Madsen: I don’t like the term unstructured; I think it’s really unmodeled in either a database sense or unmodeled in that it’s something like a document corpus for which no structures have been discovered. There are all kinds of academic research in different places looking at inferring structure from a data set to determine how it could best be represented. But trying to get other people to glom on to more precise terminology is a fool’s battle. I usually just say that because it opens up the door to discussion with people about the kind of data they have and what they’re trying to do with it. It sort of makes them stop and think for a second. Otherwise, you get clickstream and blog posts and press releases and document collections and log data all being lumped into this big unstructured bucket when there’s more nuance to the actual structures of the information in its content.

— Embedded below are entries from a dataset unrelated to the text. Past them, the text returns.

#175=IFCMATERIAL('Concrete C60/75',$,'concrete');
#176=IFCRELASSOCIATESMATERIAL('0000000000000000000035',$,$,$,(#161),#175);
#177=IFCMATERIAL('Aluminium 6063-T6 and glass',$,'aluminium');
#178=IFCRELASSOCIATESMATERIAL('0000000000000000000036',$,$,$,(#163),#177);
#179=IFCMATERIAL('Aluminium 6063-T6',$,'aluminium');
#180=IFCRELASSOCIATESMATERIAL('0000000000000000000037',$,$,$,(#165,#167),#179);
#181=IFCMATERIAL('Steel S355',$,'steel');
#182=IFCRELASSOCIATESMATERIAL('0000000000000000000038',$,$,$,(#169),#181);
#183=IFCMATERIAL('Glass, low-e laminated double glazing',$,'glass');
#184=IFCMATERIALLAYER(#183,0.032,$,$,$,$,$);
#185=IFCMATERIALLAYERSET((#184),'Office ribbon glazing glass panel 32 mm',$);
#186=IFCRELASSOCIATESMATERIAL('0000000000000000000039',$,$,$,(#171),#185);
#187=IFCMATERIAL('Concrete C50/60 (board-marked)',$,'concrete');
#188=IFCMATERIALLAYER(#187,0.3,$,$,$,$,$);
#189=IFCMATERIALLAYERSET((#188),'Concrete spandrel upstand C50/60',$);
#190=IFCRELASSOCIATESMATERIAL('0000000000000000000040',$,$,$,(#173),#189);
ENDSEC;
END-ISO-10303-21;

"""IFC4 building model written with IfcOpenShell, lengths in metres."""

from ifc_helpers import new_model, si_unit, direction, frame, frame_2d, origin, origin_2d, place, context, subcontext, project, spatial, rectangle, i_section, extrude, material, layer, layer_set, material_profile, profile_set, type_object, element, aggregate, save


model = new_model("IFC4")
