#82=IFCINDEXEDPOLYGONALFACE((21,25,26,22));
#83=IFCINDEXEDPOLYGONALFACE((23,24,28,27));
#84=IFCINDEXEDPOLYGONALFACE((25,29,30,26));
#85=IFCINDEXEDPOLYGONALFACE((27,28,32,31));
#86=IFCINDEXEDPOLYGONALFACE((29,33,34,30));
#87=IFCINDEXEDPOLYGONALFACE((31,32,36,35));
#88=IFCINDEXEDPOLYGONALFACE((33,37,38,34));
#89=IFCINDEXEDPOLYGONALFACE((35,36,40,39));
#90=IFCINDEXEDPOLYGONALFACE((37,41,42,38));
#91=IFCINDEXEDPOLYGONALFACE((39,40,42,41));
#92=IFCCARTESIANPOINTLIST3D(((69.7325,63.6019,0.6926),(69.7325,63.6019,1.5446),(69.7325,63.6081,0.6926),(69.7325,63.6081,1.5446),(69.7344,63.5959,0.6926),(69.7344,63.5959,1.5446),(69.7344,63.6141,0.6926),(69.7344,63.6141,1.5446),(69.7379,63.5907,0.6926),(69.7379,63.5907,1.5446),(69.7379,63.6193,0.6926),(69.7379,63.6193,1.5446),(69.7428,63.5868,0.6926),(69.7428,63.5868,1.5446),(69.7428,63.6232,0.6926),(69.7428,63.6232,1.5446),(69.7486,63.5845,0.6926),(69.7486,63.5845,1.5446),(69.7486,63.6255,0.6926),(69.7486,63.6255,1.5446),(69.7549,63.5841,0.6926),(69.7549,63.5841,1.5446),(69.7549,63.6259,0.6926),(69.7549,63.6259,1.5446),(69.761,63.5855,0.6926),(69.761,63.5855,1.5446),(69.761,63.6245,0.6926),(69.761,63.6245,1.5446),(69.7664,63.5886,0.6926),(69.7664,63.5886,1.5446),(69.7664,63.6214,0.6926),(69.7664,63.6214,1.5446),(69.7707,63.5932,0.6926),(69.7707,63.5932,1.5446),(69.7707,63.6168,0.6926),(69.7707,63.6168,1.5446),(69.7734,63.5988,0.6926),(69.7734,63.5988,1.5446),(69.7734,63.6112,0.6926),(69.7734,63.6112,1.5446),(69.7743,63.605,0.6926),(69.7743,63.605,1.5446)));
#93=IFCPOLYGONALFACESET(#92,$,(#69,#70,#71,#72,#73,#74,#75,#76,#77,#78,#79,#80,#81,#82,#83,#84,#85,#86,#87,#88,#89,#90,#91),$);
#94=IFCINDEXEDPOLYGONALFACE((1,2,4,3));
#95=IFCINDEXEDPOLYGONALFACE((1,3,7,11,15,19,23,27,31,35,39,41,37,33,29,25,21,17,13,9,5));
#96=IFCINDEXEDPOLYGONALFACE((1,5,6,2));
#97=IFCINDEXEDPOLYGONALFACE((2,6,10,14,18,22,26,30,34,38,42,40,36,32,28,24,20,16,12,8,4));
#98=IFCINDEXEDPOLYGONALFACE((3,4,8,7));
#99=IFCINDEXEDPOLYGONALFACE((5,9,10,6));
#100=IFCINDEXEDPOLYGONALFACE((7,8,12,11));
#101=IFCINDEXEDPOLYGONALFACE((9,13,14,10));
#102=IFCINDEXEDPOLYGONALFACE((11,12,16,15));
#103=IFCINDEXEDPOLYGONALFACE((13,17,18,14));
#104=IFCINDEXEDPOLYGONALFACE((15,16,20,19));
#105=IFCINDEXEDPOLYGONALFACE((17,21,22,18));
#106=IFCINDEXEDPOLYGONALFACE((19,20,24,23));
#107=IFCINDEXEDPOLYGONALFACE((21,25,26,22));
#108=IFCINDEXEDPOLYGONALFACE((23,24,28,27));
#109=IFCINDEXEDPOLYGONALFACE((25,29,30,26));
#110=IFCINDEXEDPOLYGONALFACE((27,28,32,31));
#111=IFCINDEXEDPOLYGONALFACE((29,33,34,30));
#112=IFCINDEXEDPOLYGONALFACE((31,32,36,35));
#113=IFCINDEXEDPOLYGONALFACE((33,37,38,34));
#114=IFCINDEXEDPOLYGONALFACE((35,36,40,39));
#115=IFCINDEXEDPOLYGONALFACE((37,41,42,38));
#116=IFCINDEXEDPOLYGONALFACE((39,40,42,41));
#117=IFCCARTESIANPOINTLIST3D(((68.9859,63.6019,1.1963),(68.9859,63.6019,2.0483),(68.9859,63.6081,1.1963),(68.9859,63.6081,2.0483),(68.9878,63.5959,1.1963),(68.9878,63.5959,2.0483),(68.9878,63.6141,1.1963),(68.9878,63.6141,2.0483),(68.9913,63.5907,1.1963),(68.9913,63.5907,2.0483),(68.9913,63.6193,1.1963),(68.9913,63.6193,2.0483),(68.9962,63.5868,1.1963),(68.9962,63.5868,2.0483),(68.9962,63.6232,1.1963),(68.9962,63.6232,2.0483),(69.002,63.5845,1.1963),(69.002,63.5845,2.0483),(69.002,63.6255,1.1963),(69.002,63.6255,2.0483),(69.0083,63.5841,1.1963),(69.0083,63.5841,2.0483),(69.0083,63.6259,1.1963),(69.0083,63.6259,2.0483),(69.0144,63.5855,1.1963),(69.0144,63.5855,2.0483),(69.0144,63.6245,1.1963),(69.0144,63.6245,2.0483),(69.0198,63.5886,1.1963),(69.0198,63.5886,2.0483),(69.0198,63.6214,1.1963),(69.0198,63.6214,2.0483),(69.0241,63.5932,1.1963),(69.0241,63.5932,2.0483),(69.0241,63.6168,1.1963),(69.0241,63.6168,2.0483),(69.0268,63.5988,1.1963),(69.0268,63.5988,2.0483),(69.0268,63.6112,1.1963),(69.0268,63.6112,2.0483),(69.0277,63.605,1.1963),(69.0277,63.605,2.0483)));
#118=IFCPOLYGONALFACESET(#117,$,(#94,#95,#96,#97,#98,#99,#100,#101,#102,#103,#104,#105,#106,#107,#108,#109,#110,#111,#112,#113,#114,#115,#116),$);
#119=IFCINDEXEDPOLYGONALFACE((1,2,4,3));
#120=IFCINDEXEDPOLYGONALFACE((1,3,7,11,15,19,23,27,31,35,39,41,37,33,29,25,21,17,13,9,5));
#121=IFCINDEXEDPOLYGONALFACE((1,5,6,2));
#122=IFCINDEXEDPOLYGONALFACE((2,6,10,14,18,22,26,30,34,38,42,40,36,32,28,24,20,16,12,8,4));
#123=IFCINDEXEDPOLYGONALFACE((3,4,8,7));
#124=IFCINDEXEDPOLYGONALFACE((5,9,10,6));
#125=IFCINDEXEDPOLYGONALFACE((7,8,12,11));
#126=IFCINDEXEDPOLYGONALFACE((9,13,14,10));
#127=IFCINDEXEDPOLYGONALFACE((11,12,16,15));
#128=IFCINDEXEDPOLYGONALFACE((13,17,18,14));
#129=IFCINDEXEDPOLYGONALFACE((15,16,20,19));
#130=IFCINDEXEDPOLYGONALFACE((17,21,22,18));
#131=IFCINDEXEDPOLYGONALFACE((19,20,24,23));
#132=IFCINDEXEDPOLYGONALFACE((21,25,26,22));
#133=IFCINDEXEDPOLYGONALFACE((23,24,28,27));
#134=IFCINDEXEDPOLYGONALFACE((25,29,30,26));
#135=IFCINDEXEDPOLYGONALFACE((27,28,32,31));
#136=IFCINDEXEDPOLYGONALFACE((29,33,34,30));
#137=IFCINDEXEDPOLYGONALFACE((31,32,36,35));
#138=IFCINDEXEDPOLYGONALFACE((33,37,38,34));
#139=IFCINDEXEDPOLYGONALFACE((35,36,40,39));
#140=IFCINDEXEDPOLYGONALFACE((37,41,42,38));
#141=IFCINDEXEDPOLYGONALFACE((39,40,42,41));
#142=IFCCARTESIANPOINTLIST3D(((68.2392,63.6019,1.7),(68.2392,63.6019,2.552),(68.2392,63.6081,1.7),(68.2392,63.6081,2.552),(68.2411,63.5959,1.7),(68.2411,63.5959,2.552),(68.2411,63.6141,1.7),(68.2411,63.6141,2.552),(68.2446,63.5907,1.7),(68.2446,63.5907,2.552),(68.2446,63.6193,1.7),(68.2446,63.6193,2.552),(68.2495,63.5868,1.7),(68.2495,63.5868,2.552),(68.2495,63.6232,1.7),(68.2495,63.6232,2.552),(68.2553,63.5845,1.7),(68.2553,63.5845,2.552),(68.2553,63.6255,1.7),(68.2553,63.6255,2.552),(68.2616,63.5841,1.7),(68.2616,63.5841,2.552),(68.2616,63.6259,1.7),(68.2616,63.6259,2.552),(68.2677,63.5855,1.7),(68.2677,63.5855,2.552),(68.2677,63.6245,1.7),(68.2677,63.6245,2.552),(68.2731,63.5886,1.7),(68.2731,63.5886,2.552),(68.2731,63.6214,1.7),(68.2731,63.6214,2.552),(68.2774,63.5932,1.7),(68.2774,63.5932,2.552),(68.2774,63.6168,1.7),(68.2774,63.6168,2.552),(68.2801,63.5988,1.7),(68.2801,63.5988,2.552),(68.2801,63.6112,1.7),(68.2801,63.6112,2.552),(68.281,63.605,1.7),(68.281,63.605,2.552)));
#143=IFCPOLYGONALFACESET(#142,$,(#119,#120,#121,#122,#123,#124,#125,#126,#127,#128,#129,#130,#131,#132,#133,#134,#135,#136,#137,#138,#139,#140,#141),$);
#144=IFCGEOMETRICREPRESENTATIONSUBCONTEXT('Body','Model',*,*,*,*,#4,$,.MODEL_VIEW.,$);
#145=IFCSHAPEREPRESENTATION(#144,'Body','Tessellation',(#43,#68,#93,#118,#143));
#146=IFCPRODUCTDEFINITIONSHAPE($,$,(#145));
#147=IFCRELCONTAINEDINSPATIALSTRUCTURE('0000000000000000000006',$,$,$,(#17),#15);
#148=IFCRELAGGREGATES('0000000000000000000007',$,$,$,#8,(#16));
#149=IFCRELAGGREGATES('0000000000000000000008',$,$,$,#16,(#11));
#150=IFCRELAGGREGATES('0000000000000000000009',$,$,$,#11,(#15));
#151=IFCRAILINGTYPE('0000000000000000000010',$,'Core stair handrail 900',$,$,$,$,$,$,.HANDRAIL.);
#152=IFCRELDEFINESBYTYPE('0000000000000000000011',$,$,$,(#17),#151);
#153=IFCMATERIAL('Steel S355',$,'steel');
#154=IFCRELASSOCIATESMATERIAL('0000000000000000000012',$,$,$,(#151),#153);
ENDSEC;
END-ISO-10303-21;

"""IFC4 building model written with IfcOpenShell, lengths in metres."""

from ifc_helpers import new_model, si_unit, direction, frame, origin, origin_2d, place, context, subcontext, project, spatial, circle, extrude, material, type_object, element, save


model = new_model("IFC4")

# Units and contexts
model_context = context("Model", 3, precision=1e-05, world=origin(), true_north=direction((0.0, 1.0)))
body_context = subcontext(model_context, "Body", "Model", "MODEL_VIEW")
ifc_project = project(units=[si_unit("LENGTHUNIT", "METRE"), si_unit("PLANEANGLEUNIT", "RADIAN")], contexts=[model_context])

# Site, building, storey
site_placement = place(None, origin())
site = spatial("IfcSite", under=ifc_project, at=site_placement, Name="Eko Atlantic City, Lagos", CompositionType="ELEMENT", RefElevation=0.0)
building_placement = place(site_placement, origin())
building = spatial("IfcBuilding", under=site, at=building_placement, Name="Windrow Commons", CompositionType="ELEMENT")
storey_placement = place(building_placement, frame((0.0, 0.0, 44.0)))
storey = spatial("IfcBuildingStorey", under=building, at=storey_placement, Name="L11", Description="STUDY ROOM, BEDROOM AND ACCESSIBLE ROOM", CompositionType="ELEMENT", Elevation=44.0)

Madsen: I hope so, because I do a lot of projects involving that stuff. What I find interesting is all of the vagaries and nuances we use for it, Facebook being a great example of the big beast. People have Facebook fan pages, and so everybody gravitates to the easy metrics instead of thinking about what they’re trying to accomplish and finding measurements that would make sense in light of those. With a lot of information people think about easy data collection first and actual use after, and that leads to problems.
What should people think about when it comes to these kinds of sites?
Madsen: When you look at Facebook, you have a fan page, you know who all of these people are -- you have their identities; maybe you have their profiles; you can look at age, gender and a bunch of things. There are a lot of ways to do this. You can, for example, perform a search based around keywords. So if you look at common search terms and keywords associated with you, your fan page -- there are some services inside Facebook that will even tell you that based on public timelines -- you can then look at words people associate with your brand and your company, how they’re used, and tie that stuff to demographics.
How can this information potentially hurt businesses?
Madsen: When I did this for a cosmetics company, their customer core demographic was women 35 to 50 and generally middle- to-upper-middle class, cosmopolitan. But the Twitter traffic around it was from a young, urban, African-American middle-to-lower-middle class distribution. If you take what you read on Twitter, gather sentiment or product information or mentions or popularity or any of the things people talk about with Twitter, you end up with a biased sample and then you start marketing in that way and alienating your core demographic.
That’s a real obvious one. I was kind of surprised that people who had been around as long as they had had abandoned all of the common sense they’ve known for years around market surveys and market research. But I think that’s what happens when something new comes along. All of the common sense gets jettisoned for the new and shiny.
Why is text data so difficult to analyze?
Madsen: You have to build a machine understanding of the information content of the document, and it’s just early days of a lot of that science. We kind of know how to process language, but most of it is rudimentary and statistical in nature. Really understanding the meaning inside of things, how you mean a term, there’s a whole research body of work in sentiment analysis around irony detection. Which you and I do automatically, but irony is not something that a computer gets, just like a lot of other things. And then the senses of the words and what you do with it.
Is this kind of data going to become the norm for businesses?
Madsen: It’s building. I think just it’s one more set of data; it’s one more piece of the puzzle. We solved the data capture problem and data warehousing for internal transaction processing applications, but we didn’t capture all of the interaction data through websites and call centers. That’s partly because they’re not being instrumented, partly because of the complexity and partly because of not knowing exactly what to do with them. In a way, this is the final piece of the combination of monitoring automation that hasn’t been done. That’s what we’re looking at. I would expect it just to continue to grow as we figure out how to use them, manage them.